Margit Vries grew up in Frankfurt am Main and in 1910, at the age of thirteen, moved to Belgium to attend boarding school and begin her art training. In an exasperated letter to her mother, she wrote that she was tired of painting landscapes and flower still-lifes: “As you know, all I am interested in is portraiture and the human form.” The following year she continued studying painting first in Marburg and then at Leipzig’s art academy (Kunstakademie) with famed Impressionist Lovis Corinth. After the First World War, she moved to Berlin, where she met musician and Russian exile Marik Kallin. The pair married and moved to London in 1920, where Grit Kallin would remain for six years. After they separated in 1926—their divorce would only be finalized in 1933—she returned to Germany. In the fall of 1927, she matriculated into the Bauhaus with student identification number 233. Her studies included Josef Albers’s preliminary course, painting and analytical drawing with Paul Klee and Wassily Kandinsky, a brief specialization in the metal workshop under Moholy-Nagy’s direction, and a more fruitful period in the theater workshop with Oskar Schlemmer. Photography was something else she picked up at the Bauhaus, and this medium distilled her talents and years of training to pictorial perfection.

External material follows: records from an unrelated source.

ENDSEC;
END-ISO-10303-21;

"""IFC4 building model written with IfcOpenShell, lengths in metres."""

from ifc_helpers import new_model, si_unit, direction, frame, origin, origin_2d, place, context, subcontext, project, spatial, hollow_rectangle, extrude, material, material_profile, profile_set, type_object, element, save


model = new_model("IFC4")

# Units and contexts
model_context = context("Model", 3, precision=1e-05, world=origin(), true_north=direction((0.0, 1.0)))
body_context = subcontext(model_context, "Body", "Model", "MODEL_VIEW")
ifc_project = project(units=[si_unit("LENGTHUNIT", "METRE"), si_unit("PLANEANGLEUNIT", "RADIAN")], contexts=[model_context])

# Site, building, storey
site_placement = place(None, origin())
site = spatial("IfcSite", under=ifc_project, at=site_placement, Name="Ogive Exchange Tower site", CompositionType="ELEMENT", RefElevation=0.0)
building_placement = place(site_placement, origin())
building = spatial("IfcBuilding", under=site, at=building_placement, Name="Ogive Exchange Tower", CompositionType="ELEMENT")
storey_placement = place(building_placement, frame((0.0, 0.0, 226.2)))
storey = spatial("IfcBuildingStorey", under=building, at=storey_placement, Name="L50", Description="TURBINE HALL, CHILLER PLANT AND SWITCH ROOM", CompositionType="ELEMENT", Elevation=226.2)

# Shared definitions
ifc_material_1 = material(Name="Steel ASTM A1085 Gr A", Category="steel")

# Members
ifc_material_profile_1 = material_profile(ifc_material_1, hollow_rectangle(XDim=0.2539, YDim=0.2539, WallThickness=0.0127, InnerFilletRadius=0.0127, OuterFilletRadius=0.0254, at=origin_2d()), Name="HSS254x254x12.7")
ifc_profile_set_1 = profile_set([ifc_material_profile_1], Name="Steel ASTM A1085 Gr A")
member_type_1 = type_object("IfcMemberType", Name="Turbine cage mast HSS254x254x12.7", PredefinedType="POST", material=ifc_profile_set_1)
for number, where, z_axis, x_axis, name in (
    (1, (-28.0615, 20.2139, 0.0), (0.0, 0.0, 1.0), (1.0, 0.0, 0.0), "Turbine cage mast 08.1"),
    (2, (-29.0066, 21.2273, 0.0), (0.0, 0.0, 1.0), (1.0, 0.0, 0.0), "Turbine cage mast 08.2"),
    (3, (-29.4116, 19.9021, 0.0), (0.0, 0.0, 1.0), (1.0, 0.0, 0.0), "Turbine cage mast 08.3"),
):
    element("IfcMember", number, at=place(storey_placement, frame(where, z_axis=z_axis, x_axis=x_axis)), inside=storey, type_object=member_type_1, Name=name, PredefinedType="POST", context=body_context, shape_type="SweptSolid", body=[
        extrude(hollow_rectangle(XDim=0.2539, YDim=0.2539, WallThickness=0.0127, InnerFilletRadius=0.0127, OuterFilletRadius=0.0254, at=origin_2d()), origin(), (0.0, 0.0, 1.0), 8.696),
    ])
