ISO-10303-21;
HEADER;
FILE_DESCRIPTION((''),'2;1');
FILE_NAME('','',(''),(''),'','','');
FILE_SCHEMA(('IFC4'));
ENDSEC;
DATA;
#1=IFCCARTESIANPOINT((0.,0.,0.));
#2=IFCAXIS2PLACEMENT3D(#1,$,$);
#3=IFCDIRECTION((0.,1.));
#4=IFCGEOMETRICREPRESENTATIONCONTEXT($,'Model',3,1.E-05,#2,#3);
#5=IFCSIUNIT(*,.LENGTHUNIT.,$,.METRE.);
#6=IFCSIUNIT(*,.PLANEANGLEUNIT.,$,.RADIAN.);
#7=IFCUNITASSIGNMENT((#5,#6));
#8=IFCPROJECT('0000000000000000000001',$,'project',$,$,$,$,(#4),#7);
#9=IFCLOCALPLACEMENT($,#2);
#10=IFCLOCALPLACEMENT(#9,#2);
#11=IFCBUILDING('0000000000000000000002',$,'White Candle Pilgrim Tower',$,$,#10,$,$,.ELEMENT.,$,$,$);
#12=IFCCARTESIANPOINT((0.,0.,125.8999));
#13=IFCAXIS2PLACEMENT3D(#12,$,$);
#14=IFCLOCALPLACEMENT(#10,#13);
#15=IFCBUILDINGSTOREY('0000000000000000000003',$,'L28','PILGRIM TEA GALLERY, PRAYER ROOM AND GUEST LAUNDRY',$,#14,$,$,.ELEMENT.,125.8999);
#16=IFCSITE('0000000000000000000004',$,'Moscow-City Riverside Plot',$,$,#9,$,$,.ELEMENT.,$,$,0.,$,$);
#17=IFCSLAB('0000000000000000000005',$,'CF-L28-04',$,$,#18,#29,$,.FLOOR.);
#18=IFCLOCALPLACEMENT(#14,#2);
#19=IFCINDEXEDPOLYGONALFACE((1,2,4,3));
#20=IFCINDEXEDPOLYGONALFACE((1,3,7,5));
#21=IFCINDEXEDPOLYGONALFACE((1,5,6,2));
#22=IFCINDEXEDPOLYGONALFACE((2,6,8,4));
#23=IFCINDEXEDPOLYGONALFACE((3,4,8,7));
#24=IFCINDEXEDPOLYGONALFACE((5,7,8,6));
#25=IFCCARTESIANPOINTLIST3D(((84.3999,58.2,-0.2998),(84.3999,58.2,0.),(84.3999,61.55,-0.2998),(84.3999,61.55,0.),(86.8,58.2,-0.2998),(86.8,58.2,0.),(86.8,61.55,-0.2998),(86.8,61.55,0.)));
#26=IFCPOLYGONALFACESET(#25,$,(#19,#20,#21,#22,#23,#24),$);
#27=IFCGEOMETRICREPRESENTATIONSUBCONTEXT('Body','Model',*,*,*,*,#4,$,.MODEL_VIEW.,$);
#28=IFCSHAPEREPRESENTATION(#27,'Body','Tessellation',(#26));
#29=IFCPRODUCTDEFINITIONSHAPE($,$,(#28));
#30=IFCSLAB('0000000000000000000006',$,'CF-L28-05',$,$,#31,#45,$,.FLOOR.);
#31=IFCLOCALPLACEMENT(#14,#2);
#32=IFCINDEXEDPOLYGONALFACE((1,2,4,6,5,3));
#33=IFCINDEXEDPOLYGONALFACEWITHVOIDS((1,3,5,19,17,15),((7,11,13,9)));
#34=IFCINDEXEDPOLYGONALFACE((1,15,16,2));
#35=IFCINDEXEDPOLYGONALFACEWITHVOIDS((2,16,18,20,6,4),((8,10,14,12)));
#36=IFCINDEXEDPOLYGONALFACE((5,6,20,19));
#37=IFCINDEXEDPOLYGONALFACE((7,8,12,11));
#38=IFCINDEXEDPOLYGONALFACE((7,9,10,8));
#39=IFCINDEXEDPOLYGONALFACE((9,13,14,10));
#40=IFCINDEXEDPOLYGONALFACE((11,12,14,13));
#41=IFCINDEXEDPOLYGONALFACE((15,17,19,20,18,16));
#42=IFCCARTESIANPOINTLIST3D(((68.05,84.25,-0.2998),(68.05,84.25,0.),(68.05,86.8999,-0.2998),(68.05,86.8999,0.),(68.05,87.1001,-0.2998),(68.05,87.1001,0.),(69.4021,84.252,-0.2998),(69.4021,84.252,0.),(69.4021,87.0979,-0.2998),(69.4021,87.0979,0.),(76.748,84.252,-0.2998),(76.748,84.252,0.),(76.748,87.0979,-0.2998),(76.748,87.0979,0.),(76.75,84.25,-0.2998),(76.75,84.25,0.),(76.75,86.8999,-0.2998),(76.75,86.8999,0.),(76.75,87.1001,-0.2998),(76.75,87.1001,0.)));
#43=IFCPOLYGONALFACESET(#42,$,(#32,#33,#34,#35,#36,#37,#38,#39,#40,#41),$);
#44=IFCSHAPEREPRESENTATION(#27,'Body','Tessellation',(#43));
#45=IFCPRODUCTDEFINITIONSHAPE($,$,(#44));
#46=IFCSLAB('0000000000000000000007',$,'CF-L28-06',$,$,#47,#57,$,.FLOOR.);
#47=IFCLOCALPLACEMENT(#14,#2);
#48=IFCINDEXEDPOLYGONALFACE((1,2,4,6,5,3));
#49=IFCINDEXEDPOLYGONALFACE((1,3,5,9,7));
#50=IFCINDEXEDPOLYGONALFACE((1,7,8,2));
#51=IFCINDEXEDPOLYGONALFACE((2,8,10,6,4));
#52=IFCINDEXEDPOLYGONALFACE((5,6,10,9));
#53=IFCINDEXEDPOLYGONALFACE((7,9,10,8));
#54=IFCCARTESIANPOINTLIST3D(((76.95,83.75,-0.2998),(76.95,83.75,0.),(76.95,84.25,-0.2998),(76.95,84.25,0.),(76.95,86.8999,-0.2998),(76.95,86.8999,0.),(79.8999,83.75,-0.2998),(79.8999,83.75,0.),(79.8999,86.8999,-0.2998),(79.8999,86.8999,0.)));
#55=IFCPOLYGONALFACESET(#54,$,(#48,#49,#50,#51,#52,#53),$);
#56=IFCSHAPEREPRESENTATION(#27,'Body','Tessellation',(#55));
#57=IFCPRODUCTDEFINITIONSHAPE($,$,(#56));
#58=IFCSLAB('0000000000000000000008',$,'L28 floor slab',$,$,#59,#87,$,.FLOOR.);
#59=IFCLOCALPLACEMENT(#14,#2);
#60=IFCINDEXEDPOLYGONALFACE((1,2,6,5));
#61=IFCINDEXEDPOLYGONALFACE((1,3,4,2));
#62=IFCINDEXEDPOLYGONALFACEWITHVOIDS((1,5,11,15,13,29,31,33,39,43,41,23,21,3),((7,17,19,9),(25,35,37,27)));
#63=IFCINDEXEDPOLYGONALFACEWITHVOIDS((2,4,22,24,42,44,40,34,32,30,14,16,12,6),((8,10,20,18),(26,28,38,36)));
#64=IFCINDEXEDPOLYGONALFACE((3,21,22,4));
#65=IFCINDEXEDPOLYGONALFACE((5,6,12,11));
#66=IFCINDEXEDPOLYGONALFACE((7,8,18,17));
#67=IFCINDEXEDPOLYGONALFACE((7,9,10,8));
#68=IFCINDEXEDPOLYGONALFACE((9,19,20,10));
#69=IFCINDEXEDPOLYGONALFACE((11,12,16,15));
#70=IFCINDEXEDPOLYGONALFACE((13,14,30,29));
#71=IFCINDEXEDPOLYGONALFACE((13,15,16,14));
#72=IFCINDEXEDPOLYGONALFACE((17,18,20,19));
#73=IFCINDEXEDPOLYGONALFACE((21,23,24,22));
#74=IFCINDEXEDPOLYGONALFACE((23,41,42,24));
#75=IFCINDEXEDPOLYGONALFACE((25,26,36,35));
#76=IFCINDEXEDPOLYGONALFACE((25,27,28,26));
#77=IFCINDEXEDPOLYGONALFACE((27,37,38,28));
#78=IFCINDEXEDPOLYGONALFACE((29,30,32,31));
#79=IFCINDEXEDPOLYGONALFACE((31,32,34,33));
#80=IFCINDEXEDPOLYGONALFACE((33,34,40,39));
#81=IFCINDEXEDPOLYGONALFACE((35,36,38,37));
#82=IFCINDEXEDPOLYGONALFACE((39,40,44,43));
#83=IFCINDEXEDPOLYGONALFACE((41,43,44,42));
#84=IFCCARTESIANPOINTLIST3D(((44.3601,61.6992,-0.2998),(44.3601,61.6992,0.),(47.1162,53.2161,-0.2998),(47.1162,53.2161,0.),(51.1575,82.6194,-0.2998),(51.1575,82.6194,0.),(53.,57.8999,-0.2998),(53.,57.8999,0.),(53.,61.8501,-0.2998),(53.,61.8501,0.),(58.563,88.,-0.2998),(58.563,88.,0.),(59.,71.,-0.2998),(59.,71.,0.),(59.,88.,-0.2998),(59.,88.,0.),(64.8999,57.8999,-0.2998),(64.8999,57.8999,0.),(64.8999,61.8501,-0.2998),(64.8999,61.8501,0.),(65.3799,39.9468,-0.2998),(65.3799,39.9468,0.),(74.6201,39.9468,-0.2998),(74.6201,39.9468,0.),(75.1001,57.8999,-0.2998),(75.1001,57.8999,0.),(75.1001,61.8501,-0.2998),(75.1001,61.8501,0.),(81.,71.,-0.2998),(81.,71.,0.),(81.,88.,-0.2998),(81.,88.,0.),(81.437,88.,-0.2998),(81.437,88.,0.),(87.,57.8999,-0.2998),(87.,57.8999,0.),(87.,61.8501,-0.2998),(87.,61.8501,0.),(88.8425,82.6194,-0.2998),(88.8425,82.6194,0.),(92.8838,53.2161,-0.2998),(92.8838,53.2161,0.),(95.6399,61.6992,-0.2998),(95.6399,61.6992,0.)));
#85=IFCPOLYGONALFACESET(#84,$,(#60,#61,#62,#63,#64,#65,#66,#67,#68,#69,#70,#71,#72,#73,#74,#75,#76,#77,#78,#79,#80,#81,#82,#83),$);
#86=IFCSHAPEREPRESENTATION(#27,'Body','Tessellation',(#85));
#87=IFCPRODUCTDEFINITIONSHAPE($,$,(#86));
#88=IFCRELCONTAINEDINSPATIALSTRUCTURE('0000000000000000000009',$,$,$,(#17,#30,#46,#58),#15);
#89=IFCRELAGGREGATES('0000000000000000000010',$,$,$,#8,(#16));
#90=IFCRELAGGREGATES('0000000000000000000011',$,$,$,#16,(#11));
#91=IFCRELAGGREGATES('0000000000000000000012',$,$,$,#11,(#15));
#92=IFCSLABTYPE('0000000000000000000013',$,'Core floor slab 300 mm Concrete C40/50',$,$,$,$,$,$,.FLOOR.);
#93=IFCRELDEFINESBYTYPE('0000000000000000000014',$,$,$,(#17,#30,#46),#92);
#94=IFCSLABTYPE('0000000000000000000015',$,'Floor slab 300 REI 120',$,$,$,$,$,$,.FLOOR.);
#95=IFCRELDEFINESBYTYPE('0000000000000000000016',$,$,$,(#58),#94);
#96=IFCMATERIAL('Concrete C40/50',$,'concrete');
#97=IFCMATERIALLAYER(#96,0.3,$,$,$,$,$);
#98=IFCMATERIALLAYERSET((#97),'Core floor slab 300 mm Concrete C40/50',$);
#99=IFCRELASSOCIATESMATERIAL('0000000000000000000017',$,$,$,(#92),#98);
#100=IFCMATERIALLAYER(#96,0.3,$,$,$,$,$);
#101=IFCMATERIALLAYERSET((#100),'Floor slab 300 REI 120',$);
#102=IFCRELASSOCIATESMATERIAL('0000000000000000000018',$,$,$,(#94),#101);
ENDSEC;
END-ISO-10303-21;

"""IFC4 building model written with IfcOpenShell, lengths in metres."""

from ifc_helpers import new_model, si_unit, direction, frame, origin, place, context, subcontext, project, spatial, polyline, outline, extrude, material, layer, layer_set, type_object, element, save


model = new_model("IFC4")

# Units and contexts
model_context = context("Model", 3, precision=1e-05, world=origin(), true_north=direction((0.0, 1.0)))
body_context = subcontext(model_context, "Body", "Model", "MODEL_VIEW")
ifc_project = project(units=[si_unit("LENGTHUNIT", "METRE"), si_unit("PLANEANGLEUNIT", "RADIAN")], contexts=[model_context])

# Site, building, storey
site_placement = place(None, origin())
site = spatial("IfcSite", under=ifc_project, at=site_placement, Name="Moscow-City Riverside Plot", CompositionType="ELEMENT", RefElevation=0.0)
building_placement = place(site_placement, origin())
building = spatial("IfcBuilding", under=site, at=building_placement, Name="White Candle Pilgrim Tower", CompositionType="ELEMENT")
storey_placement = place(building_placement, frame((0.0, 0.0, 125.8999)))
storey = spatial("IfcBuildingStorey", under=building, at=storey_placement, Name="L28", Description="PILGRIM TEA GALLERY, PRAYER ROOM AND GUEST LAUNDRY", CompositionType="ELEMENT", Elevation=125.8999)

# Slabs
ifc_material_1 = material(Name="Concrete C40/50", Category="concrete")
ifc_layer_1 = layer(ifc_material_1, 0.3)
ifc_layer_set_1 = layer_set([ifc_layer_1], Name="Core floor slab 300 mm Concrete C40/50")
slab_type_1 = type_object("IfcSlabType", Name="Core floor slab 300 mm Concrete C40/50", PredefinedType="FLOOR", material=ifc_layer_set_1)
slab_1_placement = place(storey_placement, frame((0.0, 0.0, -0.2998)))
element("IfcSlab", 1, at=slab_1_placement, inside=storey, type_object=slab_type_1, Name="CF-L28-04", PredefinedType="FLOOR", context=body_context, shape_type="SweptSolid", body=[
    extrude(outline(polyline([(86.8, 58.2), (84.3999, 58.2), (84.3999, 61.55), (86.8, 61.55), (86.8, 58.2)])), origin(), (0.0, 0.0, 1.0), 0.2998),
])
slab_2_placement = place(storey_placement, frame((0.0, 0.0, -0.2998)))
element("IfcSlab", 2, at=slab_2_placement, inside=storey, type_object=slab_type_1, Name="CF-L28-05", PredefinedType="FLOOR", context=body_context, shape_type="SweptSolid", body=[
    extrude(outline(polyline([(76.75, 87.1001), (76.75, 86.8999), (76.75, 84.25), (68.05, 84.25), (68.05, 86.8999), (68.05, 87.1001), (76.75, 87.1001)]), holes=[polyline([(69.4021, 87.0979), (69.4021, 84.252), (76.748, 84.252), (76.748, 87.0979), (69.4021, 87.0979)])]), origin(), (0.0, 0.0, 1.0), 0.2998),
])
slab_3_placement = place(storey_placement, frame((0.0, 0.0, -0.2998)))
element("IfcSlab", 3, at=slab_3_placement, inside=storey, type_object=slab_type_1, Name="CF-L28-06", PredefinedType="FLOOR", context=body_context, shape_type="SweptSolid", body=[
    extrude(outline(polyline([(79.8999, 86.8999), (79.8999, 83.75), (76.95, 83.75), (76.95, 84.25), (76.95, 86.8999), (79.8999, 86.8999)])), origin(), (0.0, 0.0, 1.0), 0.2998),
])
ifc_layer_2 = layer(ifc_material_1, 0.3)
ifc_layer_set_2 = layer_set([ifc_layer_2], Name="Floor slab 300 REI 120")
slab_type_2 = type_object("IfcSlabType", Name="Floor slab 300 REI 120", PredefinedType="FLOOR", material=ifc_layer_set_2)
slab_4_placement = place(storey_placement, frame((0.0, 0.0, -0.2998)))
element("IfcSlab", 4, at=slab_4_placement, inside=storey, type_object=slab_type_2, Name="L28 floor slab", PredefinedType="FLOOR", context=body_context, shape_type="SweptSolid", body=[
    extrude(outline(polyline([(65.3799, 39.9468), (74.6201, 39.9468), (92.8838, 53.2161), (95.6399, 61.6992), (88.8425, 82.6194), (81.437, 88.0), (81.0, 88.0), (81.0, 71.0), (59.0, 71.0), (59.0, 88.0), (58.563, 88.0), (51.1575, 82.6194), (44.3601, 61.6992), (47.1162, 53.2161), (65.3799, 39.9468)]), holes=[polyline([(53.0, 57.8999), (53.0, 61.8501), (64.8999, 61.8501), (64.8999, 57.8999), (53.0, 57.8999)]), polyline([(75.1001, 57.8999), (75.1001, 61.8501), (87.0, 61.8501), (87.0, 57.8999), (75.1001, 57.8999)])]), origin(), (0.0, 0.0, 1.0), 0.2998),
])

save(model, "model.ifc")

Kallin’s fresh and original portrait studies of fellow Bauhaus members typify Moholy-Nagy’s New Vision approach but make it her own. She took dynamic photographs of the women and men around her, including a series of her compatriot in the theater workshop, the painter, dancer, and performer Alfredo Bortoluzzi—nicknamed Freddo—in which he appears in a variety of modern guises. One shows him with only the most minimal circle of whiteface to turn him into a melancholy, modernist clown. With his downcast face and faraway look, Freddo seems unaware of the viewer’s gaze as it takes in his well-formed, nude upper body; this gaze parallels the photographer’s own look, which was not immune to male beauty. Kallin also photographed her future second husband, American Bauhaus member Edward Fischer.
After returning to Berlin with Fischer—likely late in 1928 or the spring of 1929—Kallin continued making art and photographs. According to Gebrauchsgraphik’s editor Hermann Karl Frenzel, Kallin’s work unites the strengths of the ideal photographer with those of the modern artist. Her photographs traveled to New York along with those of Herbert Bayer and Moholy-Nagy for a 1931 exhibition at the art center on 56th Street in Manhattan, which the New York Times called, “the first comprehensive collection of European commercial photographs in this country.”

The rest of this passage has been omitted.